Prime Minister of France
- In office 21 May 1981 – 17 July 1984
- President: François Mitterrand
- Preceded by: Raymond Barre
- Succeeded by: Laurent Fabius

President of the Socialist International
- In office 17 September 1992 – 10 November 1999
- Preceded by: Willy Brandt
- Succeeded by: António Guterres

First Secretary of the Socialist Party
- In office 14 May 1988 – 9 January 1992
- Preceded by: Lionel Jospin
- Succeeded by: Laurent Fabius

Mayor of Lille
- In office 8 January 1973 – 25 March 2001
- Preceded by: Augustin Laurent
- Succeeded by: Martine Aubry

Member of the French Senate for Nord
- In office 2 October 1992 – 30 September 2011

Personal details
- Born: 5 July 1928 Cartignies, Nord, France
- Died: 7 June 2013 (aged 84) Clamart, France
- Party: Socialist Party
- Occupation: Teacher

= Pierre Mauroy =

Prime Minister of France from 1981 to 1984

Pierre Mauroy (/fr/; 5 July 1928 – 7 June 2013) was a French politician who was Prime Minister of France from 1981 to 1984 under President François Mitterrand. Mauroy also served as Mayor of Lille from 1973 to 2001 and President of the Socialist International from 1992 to 1999. At the time of his death, Mauroy was the emeritus mayor of the city of Lille.

==Biography==

===Background===
Mauroy was born in Cartignies. The son of a schoolteacher, Mauroy became a technical education teacher in Colombes and in 1955 was elected general secretary of the Union of Technical Education Colleges within the National Education Federation. He also led the Socialist Youth Movement and became a leading figure in the Socialist federation of Nord département, which was among the third biggest of the French Section of the Workers' International (SFIO) party and climbed quickly in the party. In 1966, he became the second most powerful person of the party behind the secretary general, Guy Mollet. Nevertheless, when Mollet resigned as leader in 1969, Alain Savary was chosen to succeed him.

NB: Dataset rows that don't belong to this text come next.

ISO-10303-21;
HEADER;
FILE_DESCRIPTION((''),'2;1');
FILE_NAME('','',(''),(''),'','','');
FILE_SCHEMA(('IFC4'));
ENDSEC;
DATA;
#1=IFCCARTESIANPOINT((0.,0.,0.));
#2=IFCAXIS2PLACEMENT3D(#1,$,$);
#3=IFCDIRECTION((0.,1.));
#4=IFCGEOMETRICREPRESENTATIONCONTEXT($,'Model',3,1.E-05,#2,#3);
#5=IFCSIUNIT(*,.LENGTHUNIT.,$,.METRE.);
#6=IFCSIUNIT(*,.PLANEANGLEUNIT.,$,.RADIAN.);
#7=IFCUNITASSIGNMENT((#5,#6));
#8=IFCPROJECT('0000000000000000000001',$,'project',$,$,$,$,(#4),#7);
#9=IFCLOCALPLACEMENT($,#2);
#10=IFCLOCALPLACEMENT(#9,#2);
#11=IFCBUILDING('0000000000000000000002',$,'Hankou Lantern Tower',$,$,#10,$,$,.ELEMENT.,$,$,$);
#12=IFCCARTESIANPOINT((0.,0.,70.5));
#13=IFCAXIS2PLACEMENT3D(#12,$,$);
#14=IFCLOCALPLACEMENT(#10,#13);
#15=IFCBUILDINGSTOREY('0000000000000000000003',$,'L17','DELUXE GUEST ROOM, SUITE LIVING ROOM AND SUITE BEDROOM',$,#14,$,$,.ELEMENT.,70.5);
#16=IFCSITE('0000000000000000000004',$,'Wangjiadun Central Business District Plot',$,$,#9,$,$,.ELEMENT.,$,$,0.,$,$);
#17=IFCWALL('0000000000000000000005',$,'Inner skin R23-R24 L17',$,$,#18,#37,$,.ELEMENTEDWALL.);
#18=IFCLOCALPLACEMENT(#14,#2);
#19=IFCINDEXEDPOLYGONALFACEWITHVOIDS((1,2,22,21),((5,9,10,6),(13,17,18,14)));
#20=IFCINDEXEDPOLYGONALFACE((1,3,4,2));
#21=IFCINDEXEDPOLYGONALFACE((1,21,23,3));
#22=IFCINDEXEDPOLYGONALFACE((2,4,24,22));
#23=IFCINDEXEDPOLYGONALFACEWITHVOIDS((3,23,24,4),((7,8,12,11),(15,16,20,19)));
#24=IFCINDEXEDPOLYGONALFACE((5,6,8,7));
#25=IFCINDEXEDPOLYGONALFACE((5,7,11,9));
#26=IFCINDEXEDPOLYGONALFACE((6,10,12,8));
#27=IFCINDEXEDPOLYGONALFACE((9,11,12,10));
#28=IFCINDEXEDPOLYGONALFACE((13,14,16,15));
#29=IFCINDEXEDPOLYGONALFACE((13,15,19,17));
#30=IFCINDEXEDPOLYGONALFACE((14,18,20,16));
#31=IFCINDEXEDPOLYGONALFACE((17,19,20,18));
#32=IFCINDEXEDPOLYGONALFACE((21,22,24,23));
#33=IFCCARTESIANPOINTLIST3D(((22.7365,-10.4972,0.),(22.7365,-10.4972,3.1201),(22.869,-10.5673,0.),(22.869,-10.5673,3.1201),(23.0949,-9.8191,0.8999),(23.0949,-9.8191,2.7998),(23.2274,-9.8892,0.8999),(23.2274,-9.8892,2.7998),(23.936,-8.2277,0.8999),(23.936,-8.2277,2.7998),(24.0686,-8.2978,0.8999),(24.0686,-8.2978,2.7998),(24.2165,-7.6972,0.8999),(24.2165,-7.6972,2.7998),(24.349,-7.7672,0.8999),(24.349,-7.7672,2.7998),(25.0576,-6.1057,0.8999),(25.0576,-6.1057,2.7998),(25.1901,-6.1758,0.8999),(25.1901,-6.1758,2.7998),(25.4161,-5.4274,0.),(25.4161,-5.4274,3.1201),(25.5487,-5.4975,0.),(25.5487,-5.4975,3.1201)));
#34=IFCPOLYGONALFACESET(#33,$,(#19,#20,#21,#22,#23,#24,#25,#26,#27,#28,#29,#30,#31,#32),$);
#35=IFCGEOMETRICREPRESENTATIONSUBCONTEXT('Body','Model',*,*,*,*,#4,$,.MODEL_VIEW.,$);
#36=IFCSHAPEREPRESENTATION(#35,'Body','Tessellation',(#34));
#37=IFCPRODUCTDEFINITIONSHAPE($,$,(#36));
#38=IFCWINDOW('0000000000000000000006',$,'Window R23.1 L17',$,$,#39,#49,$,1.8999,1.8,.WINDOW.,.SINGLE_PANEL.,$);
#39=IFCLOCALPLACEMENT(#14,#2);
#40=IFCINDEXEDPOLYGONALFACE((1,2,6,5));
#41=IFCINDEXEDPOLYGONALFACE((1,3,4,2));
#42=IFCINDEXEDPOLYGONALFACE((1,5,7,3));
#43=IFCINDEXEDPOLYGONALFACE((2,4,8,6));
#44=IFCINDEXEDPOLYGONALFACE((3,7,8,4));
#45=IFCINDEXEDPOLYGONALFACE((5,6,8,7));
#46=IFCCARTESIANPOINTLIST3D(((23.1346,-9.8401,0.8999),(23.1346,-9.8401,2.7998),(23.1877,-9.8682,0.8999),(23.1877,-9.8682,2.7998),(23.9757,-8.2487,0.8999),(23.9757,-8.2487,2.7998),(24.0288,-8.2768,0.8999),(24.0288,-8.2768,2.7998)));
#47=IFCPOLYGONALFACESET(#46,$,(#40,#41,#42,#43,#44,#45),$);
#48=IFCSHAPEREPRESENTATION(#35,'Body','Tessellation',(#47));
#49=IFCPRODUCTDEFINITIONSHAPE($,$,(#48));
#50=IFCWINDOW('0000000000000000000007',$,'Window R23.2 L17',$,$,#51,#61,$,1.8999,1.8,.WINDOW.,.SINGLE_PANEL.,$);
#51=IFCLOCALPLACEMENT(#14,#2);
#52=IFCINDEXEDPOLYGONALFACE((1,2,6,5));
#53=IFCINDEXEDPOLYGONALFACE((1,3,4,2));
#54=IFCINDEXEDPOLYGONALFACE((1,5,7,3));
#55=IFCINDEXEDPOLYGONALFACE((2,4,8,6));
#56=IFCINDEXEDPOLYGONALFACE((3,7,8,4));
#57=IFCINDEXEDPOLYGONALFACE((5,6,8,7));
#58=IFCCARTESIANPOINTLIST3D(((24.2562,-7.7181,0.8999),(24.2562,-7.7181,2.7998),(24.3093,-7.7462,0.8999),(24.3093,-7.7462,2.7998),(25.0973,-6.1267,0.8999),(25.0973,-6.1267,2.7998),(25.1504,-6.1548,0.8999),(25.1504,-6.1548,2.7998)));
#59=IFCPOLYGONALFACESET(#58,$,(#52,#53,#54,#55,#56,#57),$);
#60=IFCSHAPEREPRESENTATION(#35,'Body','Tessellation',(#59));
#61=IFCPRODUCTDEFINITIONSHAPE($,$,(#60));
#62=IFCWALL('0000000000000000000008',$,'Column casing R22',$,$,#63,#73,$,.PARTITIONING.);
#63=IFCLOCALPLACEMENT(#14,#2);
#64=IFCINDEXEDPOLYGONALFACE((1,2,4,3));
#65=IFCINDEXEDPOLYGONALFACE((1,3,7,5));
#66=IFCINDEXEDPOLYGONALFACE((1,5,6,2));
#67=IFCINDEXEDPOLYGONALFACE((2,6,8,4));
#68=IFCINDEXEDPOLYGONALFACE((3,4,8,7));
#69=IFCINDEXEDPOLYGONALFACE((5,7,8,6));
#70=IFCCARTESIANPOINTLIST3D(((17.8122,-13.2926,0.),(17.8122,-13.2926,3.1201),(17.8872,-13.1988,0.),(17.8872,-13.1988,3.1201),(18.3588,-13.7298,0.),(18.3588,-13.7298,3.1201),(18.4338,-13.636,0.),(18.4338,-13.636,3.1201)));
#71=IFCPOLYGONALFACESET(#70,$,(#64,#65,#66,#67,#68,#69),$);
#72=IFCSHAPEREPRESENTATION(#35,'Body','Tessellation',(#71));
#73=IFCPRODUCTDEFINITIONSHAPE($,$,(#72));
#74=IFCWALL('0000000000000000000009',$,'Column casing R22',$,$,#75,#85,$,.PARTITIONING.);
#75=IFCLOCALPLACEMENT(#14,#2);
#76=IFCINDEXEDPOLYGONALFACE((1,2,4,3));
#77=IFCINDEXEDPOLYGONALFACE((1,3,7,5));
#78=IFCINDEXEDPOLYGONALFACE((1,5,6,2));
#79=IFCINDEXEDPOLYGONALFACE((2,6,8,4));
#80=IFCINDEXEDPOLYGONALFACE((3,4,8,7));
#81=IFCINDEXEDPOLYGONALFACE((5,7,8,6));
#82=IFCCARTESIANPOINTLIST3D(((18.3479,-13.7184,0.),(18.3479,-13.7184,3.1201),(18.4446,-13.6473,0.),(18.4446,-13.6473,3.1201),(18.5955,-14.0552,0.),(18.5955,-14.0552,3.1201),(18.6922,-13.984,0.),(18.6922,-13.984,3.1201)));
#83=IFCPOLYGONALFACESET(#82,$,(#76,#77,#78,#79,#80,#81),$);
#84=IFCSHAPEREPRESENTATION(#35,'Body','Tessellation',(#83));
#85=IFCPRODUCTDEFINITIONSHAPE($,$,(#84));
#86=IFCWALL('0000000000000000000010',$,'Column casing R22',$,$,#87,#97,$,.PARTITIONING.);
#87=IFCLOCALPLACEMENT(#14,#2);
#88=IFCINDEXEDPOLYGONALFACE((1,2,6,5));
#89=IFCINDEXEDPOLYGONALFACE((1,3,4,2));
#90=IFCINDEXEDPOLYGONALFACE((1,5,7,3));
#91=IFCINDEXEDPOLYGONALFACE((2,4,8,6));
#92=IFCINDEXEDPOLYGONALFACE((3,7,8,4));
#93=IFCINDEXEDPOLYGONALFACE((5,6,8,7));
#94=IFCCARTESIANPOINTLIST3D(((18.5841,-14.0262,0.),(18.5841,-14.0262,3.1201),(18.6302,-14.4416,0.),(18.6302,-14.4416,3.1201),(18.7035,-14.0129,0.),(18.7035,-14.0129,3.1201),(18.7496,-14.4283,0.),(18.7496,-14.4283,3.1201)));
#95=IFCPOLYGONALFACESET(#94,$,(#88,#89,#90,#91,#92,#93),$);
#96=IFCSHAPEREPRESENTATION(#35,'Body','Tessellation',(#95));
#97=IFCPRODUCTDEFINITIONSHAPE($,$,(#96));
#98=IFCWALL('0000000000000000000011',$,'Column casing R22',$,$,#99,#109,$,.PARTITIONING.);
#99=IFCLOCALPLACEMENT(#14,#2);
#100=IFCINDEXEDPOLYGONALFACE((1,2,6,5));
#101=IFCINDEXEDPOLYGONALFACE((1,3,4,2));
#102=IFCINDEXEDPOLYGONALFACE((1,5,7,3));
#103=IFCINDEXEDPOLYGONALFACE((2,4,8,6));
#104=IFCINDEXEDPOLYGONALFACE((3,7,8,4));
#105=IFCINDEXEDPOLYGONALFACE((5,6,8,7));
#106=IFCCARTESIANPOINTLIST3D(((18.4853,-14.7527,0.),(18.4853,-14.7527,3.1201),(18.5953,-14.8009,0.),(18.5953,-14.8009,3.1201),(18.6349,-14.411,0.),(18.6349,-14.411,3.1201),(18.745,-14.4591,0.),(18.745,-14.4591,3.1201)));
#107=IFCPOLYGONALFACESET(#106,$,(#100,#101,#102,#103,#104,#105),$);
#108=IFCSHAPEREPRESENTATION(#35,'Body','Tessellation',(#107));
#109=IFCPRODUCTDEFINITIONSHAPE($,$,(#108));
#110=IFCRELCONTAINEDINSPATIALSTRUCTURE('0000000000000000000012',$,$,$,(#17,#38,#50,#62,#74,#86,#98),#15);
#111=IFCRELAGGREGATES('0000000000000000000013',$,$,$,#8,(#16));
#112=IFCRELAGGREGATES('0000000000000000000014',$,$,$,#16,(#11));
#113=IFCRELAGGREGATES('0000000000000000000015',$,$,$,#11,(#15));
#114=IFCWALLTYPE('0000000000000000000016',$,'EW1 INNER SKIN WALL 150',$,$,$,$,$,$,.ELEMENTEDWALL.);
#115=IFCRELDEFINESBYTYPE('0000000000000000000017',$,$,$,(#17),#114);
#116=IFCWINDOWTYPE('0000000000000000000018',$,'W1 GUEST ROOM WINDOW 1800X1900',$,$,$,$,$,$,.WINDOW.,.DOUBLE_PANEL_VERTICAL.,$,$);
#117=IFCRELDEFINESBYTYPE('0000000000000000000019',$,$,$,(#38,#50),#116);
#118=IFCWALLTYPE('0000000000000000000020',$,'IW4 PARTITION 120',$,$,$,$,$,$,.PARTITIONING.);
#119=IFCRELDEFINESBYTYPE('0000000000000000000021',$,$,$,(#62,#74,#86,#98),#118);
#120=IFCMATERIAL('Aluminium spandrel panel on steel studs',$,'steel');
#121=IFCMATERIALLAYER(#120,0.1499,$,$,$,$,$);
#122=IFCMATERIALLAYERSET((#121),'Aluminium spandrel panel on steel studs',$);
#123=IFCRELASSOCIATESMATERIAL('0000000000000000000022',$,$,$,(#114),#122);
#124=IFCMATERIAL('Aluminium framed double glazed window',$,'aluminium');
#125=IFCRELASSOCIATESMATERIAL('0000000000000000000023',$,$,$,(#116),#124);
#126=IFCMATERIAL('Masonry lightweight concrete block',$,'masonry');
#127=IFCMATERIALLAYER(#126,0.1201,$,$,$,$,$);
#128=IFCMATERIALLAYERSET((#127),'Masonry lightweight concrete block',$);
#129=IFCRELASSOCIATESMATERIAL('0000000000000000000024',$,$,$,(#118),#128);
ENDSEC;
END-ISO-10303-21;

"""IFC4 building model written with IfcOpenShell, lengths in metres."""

from ifc_helpers import new_model, si_unit, direction, frame, frame_2d, origin, place, context, subcontext, project, spatial, rectangle, extrude, material, layer, layer_set, type_object, element, fill, save


model = new_model("IFC4")

# Units and contexts
model_context = context("Model", 3, precision=1e-05, world=origin(), true_north=direction((0.0, 1.0)))
body_context = subcontext(model_context, "Body", "Model", "MODEL_VIEW")
ifc_project = project(units=[si_unit("LENGTHUNIT", "METRE"), si_unit("PLANEANGLEUNIT", "RADIAN")], contexts=[model_context])

# Site, building, storey
site_placement = place(None, origin())
site = spatial("IfcSite", under=ifc_project, at=site_placement, Name="Wangjiadun Central Business District Plot", CompositionType="ELEMENT", RefElevation=0.0)
building_placement = place(site_placement, origin())
building = spatial("IfcBuilding", under=site, at=building_placement, Name="Hankou Lantern Tower", CompositionType="ELEMENT")
storey_placement = place(building_placement, frame((0.0, 0.0, 70.5)))
storey = spatial("IfcBuildingStorey", under=building, at=storey_placement, Name="L17", Description="DELUXE GUEST ROOM, SUITE LIVING ROOM AND SUITE BEDROOM", CompositionType="ELEMENT", Elevation=70.5)

# Wall, openings, windows
ifc_material_1 = material(Name="Aluminium spandrel panel on steel studs", Category="steel")
ifc_layer_1 = layer(ifc_material_1, 0.1499)
ifc_layer_set_1 = layer_set([ifc_layer_1], Name="Aluminium spandrel panel on steel studs")
wall_type_1 = type_object("IfcWallType", Name="EW1 INNER SKIN WALL 150", PredefinedType="ELEMENTEDWALL", material=ifc_layer_set_1)
ifc_material_2 = material(Name="Aluminium framed double glazed window", Category="aluminium")
window_type = type_object("IfcWindowType", Name="W1 GUEST ROOM WINDOW 1800X1900", PartitioningType="DOUBLE_PANEL_VERTICAL", PredefinedType="WINDOW", material=ifc_material_2)
wall_1_placement = place(storey_placement, frame((22.8027, -10.5322, 0.0), z_axis=(0.0, 0.0, 1.0), x_axis=(0.467297, 0.8841, 0.0)))
wall_1 = element("IfcWall", 1, at=wall_1_placement, inside=storey, type_object=wall_type_1, Name="Inner skin R23-R24 L17", PredefinedType="ELEMENTEDWALL", context=body_context, shape_type="SweptSolid", body=[
    extrude(rectangle(XDim=5.7344, YDim=0.1499, at=frame_2d((2.8672, 0.0))), origin(), (0.0, 0.0, 1.0), 3.1201),
])
opening_1_placement = place(wall_1_placement, frame((0.7671, 0.0, 0.8999)))
opening_1 = element("IfcOpeningElement", 2, at=opening_1_placement, cuts=wall_1, PredefinedType="OPENING", context=body_context, shape_type="SweptSolid", body=[
    extrude(rectangle(XDim=1.8, YDim=1.8999, at=frame_2d((0.8999, 0.95))), frame((0.0, 0.085, 0.0), z_axis=(0.0, -1.0, 0.0), x_axis=(1.0, 0.0, 0.0)), (0.0, 0.0, 1.0), 0.1699),
])
opening_2_placement = place(wall_1_placement, frame((3.1672, 0.0, 0.8999)))
opening_2 = element("IfcOpeningElement", 3, at=opening_2_placement, cuts=wall_1, PredefinedType="OPENING", context=body_context, shape_type="SweptSolid", body=[
    extrude(rectangle(XDim=1.8, YDim=1.8999, at=frame_2d((0.8999, 0.95))), frame((0.0, 0.085, 0.0), z_axis=(0.0, -1.0, 0.0), x_axis=(1.0, 0.0, 0.0)), (0.0, 0.0, 1.0), 0.1699),
])
window_1_placement = place(opening_1_placement, origin())
window_1 = element("IfcWindow", 4, at=window_1_placement, inside=storey, type_object=window_type, Name="Window R23.1 L17", OverallHeight=1.8999, OverallWidth=1.8, PartitioningType="SINGLE_PANEL", PredefinedType="WINDOW", context=body_context, shape_type="SweptSolid", body=[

Mauroy also led an important national association of youth clubs and was a trades unionist. From a working-class background, Mauroy represented (according to one observer) "the old working-class bastions of the north."

===Political career===
After the electoral disasters of 1968 and 1969, he was persuaded of the necessity to renew the party. In 1971, during the Epinay Congress, he supported François Mitterrand's election to the party leadership and became the second most powerful person in the Socialist Party (PS). Two years later, he was elected as a deputy and Mayor of Lille.

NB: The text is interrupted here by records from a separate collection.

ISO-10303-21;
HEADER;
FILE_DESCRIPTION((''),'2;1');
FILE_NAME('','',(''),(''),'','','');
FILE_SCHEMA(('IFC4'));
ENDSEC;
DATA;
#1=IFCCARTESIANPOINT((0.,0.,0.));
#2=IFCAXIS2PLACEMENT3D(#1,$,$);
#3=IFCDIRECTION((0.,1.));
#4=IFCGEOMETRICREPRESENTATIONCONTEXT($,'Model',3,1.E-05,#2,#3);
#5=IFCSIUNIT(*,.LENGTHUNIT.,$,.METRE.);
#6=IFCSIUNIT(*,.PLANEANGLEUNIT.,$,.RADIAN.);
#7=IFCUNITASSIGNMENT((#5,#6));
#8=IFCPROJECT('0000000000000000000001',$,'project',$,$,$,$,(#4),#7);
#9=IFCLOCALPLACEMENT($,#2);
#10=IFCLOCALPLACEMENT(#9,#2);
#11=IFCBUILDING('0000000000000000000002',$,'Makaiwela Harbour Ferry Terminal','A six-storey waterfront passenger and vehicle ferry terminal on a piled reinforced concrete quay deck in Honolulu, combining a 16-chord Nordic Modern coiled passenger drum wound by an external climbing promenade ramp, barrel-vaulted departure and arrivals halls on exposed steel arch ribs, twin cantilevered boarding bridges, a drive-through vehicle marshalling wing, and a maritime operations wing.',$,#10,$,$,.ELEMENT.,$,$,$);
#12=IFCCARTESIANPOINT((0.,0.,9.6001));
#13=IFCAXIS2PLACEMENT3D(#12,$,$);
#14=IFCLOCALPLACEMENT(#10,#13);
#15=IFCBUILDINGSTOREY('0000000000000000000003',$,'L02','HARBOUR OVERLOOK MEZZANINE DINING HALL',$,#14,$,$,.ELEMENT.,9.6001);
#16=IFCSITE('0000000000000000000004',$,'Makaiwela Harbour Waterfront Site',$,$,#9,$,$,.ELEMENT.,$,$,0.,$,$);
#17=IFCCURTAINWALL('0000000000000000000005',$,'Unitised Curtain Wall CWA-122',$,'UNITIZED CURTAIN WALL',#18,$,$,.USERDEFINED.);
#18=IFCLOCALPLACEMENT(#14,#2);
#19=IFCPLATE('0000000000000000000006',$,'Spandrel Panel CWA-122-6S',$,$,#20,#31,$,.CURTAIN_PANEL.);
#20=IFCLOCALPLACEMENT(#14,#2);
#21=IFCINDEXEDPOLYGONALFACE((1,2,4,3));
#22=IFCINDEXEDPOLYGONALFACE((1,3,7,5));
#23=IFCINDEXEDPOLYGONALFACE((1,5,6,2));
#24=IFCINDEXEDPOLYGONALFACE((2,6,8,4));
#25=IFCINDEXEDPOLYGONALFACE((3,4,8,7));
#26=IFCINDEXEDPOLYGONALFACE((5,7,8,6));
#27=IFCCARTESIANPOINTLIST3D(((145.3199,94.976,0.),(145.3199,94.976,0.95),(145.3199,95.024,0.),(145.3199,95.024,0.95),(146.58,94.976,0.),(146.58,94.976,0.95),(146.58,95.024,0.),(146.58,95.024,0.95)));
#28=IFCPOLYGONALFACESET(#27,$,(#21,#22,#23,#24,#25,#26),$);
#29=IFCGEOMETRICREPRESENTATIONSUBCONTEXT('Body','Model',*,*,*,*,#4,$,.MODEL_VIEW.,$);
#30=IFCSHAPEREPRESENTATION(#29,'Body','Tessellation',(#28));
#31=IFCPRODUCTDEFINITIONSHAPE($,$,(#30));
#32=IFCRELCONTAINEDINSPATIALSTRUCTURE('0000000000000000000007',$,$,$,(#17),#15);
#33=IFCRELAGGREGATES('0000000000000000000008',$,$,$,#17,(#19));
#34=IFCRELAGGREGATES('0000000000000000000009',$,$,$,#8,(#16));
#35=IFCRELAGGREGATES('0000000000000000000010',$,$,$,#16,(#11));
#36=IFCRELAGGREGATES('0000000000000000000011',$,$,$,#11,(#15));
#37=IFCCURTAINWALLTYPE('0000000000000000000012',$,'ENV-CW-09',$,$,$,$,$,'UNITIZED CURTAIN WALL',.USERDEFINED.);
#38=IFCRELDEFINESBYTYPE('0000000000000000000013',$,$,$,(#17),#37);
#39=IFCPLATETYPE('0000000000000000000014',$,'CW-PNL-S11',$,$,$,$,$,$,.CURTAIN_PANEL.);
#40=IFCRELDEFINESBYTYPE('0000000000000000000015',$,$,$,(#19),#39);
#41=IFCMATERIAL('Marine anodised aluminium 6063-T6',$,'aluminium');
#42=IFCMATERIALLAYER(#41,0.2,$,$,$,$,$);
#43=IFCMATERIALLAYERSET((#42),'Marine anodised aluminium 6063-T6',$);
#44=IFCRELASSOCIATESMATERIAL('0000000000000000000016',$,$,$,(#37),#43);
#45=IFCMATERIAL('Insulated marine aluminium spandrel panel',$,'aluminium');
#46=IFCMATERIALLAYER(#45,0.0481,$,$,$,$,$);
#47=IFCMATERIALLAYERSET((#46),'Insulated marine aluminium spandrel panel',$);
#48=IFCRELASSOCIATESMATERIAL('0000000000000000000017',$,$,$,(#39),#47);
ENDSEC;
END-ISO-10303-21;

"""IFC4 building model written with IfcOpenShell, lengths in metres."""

from ifc_helpers import new_model, si_unit, direction, frame, origin, origin_2d, place, context, subcontext, project, spatial, rectangle, extrude, material, layer, layer_set, type_object, element, aggregate, save


model = new_model("IFC4")

# Units and contexts
model_context = context("Model", 3, precision=1e-05, world=origin(), true_north=direction((0.0, 1.0)))
body_context = subcontext(model_context, "Body", "Model", "MODEL_VIEW")
ifc_project = project(units=[si_unit("LENGTHUNIT", "METRE"), si_unit("PLANEANGLEUNIT", "RADIAN")], contexts=[model_context])

# Site, building, storey
site_placement = place(None, origin())
site = spatial("IfcSite", under=ifc_project, at=site_placement, Name="Makaiwela Harbour Waterfront Site", CompositionType="ELEMENT", RefElevation=0.0)
building_placement = place(site_placement, origin())
building = spatial("IfcBuilding", under=site, at=building_placement, Name="Makaiwela Harbour Ferry Terminal", Description="A six-storey waterfront passenger and vehicle ferry terminal on a piled reinforced concrete quay deck in Honolulu, combining a 16-chord Nordic Modern coiled passenger drum wound by an external climbing promenade ramp, barrel-vaulted departure and arrivals halls on exposed steel arch ribs, twin cantilevered boarding bridges, a drive-through vehicle marshalling wing, and a maritime operations wing.", CompositionType="ELEMENT")
storey_placement = place(building_placement, frame((0.0, 0.0, 9.6001)))
storey = spatial("IfcBuildingStorey", under=building, at=storey_placement, Name="L02", Description="HARBOUR OVERLOOK MEZZANINE DINING HALL", CompositionType="ELEMENT", Elevation=9.6001)

# Curtain wall
ifc_material_1 = material(Name="Marine anodised aluminium 6063-T6", Category="aluminium")
ifc_layer_1 = layer(ifc_material_1, 0.2)
ifc_layer_set_1 = layer_set([ifc_layer_1], Name="Marine anodised aluminium 6063-T6")
curtain_wall_type = type_object("IfcCurtainWallType", Name="ENV-CW-09", ElementType="UNITIZED CURTAIN WALL", PredefinedType="USERDEFINED", material=ifc_layer_set_1)
curtain_wall_1_placement = place(storey_placement, origin())
curtain_wall_1 = element("IfcCurtainWall", 1, at=curtain_wall_1_placement, inside=storey, type_object=curtain_wall_type, Name="Unitised Curtain Wall CWA-122", ObjectType="UNITIZED CURTAIN WALL", PredefinedType="USERDEFINED")

# Plate
ifc_material_2 = material(Name="Insulated marine aluminium spandrel panel", Category="aluminium")
ifc_layer_2 = layer(ifc_material_2, 0.0481)
ifc_layer_set_2 = layer_set([ifc_layer_2], Name="Insulated marine aluminium spandrel panel")
plate_type_1 = type_object("IfcPlateType", Name="CW-PNL-S11", PredefinedType="CURTAIN_PANEL", material=ifc_layer_set_2)
plate_1_placement = place(storey_placement, frame((145.95, 95.0, 0.0), z_axis=(0.0, 0.0, 1.0), x_axis=(1.0, 0.0, 0.0)))
plate_1 = element("IfcPlate", 2, at=plate_1_placement, type_object=plate_type_1, Name="Spandrel Panel CWA-122-6S", PredefinedType="CURTAIN_PANEL", context=body_context, shape_type="SweptSolid", body=[
    extrude(rectangle(XDim=1.26, YDim=0.0481, at=origin_2d()), origin(), (0.0, 0.0, 1.0), 0.95),
])
aggregate(curtain_wall_1, [plate_1])

save(model, "model.ifc")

Increasingly, Mauroy criticized the replacement of former SFIO members from important positions by allies of Mitterrand. In this, he formed an alliance with Michel Rocard, the main opponent of Mitterrand, during the 1979 Metz Congress. However, Mitterrand chose him as spokesperson during the 1981 presidential campaign; after Mitterrand's election, he appointed Mauroy as Prime Minister.

Within the PS, Mauroy was associated with a group that, according to one study, “tended toward standard social democracy – friendly to Rocard’s economic liberalism, but committed to traditional socialist goals.”

===Prime minister===
Mauroy's government was a radical reforming one, implementing a wide range of social reforms including the reduction of the legal workweek from 40 to 39 hours, the lowering of the retirement age to 60, and higher social welfare benefits.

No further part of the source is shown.